Che la malattia del Fib sia inguaribile è chiaro ormai anche per la Borsa Italiana, che qualche giorno fa ha praticato la più classica delle eutanasie programmate, decretandone la morte alla scadenza di settembre di quest’anno. A quella data tutti i derivati basati sull’indice MIB30 (FIB, miniFib e le opzioni MIBO) cesseranno di esistere e verranno rimpiazzati con nuovi strumenti costruiti sull’indice S&P/Mib. Tale indice, che è stato introdotto qualche mese fa e da allora regolarmente calcolato, viene gestito dall’agenzia Standard & Poor’s.
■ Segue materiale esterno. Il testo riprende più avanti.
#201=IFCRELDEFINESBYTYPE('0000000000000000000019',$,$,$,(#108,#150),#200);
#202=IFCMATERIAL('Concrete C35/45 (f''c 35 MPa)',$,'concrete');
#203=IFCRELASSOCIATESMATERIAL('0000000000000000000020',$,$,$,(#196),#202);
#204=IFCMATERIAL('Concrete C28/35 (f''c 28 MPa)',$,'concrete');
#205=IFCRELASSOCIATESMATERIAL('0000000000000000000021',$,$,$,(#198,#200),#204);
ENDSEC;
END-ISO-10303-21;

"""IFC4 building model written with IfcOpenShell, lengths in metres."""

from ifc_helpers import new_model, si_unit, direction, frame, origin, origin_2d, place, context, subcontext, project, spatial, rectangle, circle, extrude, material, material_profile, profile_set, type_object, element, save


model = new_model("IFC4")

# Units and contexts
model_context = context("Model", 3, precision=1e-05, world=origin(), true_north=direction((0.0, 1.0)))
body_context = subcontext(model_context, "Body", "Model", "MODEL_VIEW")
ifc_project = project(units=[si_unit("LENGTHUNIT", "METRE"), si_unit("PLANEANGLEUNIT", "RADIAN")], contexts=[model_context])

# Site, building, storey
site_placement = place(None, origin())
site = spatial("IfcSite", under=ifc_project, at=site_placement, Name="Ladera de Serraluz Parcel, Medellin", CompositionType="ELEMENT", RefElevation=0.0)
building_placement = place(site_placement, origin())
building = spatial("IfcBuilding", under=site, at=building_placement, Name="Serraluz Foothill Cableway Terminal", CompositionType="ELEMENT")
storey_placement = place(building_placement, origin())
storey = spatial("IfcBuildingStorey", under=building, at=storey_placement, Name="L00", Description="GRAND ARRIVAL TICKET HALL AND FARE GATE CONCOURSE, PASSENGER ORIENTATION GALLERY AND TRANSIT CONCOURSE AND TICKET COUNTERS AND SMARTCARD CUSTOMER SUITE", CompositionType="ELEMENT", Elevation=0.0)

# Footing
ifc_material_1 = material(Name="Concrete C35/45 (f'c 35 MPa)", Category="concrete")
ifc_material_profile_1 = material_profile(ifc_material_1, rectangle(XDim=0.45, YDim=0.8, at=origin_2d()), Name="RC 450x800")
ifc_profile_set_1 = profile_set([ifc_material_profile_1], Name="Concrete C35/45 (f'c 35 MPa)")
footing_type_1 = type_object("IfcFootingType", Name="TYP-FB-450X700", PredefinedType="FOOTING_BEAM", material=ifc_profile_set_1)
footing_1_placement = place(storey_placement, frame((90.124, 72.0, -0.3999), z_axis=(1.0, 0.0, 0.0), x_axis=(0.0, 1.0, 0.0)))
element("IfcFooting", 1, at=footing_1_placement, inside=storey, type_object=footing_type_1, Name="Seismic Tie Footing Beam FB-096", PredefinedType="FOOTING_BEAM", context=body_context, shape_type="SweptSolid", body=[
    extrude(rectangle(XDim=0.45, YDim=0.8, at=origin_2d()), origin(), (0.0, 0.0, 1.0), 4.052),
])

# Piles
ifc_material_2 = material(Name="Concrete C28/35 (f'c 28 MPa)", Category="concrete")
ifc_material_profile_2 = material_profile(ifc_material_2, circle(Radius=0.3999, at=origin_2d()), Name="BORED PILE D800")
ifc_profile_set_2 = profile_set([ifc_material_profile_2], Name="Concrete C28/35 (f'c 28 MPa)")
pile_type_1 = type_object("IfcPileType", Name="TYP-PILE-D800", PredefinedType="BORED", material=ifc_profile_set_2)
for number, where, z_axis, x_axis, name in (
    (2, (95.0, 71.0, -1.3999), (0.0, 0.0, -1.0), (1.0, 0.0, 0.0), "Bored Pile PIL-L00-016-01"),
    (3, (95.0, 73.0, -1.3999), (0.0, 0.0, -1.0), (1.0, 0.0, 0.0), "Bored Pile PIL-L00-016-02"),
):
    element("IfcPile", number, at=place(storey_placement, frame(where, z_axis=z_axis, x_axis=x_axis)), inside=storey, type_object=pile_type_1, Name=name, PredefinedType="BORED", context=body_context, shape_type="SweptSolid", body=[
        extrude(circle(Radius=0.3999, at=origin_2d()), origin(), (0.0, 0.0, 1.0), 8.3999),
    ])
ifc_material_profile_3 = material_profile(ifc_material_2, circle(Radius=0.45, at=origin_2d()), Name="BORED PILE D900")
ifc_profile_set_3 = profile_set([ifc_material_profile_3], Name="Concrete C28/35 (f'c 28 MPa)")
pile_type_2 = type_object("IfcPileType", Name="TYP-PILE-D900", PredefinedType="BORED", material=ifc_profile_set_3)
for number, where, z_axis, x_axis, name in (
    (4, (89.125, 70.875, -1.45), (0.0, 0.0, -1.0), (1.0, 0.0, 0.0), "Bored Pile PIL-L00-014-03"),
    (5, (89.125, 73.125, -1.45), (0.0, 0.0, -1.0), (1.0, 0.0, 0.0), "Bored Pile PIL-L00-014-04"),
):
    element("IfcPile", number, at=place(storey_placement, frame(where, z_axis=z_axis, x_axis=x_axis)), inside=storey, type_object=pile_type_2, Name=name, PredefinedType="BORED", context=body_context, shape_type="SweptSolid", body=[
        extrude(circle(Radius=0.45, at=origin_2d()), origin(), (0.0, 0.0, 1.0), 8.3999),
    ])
Le principali differenze rispetto al MIB30 sono parecchie, a cominciare dal numero di società inserite nel paniere, che sono al momento 40, le più rappresentative della Borsa Italiana (tra cui anche qualcuna del nuovo mercato). E’ poi diverso il criterio di selezione, basato non più sulla capitalizzazione di borsa, ma sul flottante, cioè le azioni scambiabili, sulla liquidità e sulla ponderazione settoriale. Volendo rappresentare il più possibile l’andamento globale del mercato italiano è poi stato previsto che il numero di titoli compresi nell’indice possa anche aumentare o diminuire rispetto ai 40 attuali. Grazie a questi accorgimenti il nuovo indice ha mostrato effettivamente un lieve aumento della volatilità rispetto al Mib30. Alla chiusura di venerdì scorso ha fatto segnare il valore di 27.807 punti.
Le caratteristiche tecniche dei nuovi strumenti derivati ricalcheranno quelle dei precedenti. Il valore di ogni punto sarà 5 Euro per il Future, 1 Euro per il Mini e 2,5 Euro per l’opzione. Le scadenze saranno sempre trimestrali per i Futures e mensili per le opzioni, l’orario di contrattazione sarà per tutti e tre gli strumenti dalle 9 alle 17,40 con contrattazione continua.
I nuovi strumenti entreranno in quotazione ufficiale già a partire dal 22 marzo, quando sarà introdotta la scadenza settembre. Borsa Italiana spera che siano il toccasana della crisi del mercato italiano dei derivati. Personalmente qualche dubbio ce l’ho, almeno per la prima fase, poiché i nuovi indici, prima di attirare l’attenzione di chi opera utilizzando l’analisi grafica, dovranno costruire una serie storica di almeno qualche mese. Ancor più dura sarà la vita di chi opera con i trading system, cioè i sistemi automatizzati di trading, perché la morte del Fib manderà in soffittta anche tutti i sistemi costruiti per lui, e costringerà a lunghi lavori di riprogettazione o adattamento per poter lavorare sullo strumento nuovo. Tutto ciò toglierà operatori da questi mercati, più che portarne e spingerà ulteriormente verso l’Eurex.
La scadenza di settembre vedrà quindi in coabitazione i vecchi ed i nuovi strumenti derivati, poi il giorno 20 settembre 2004 si celebrerà ufficialmente il funerale del FIB. Riposi in pace.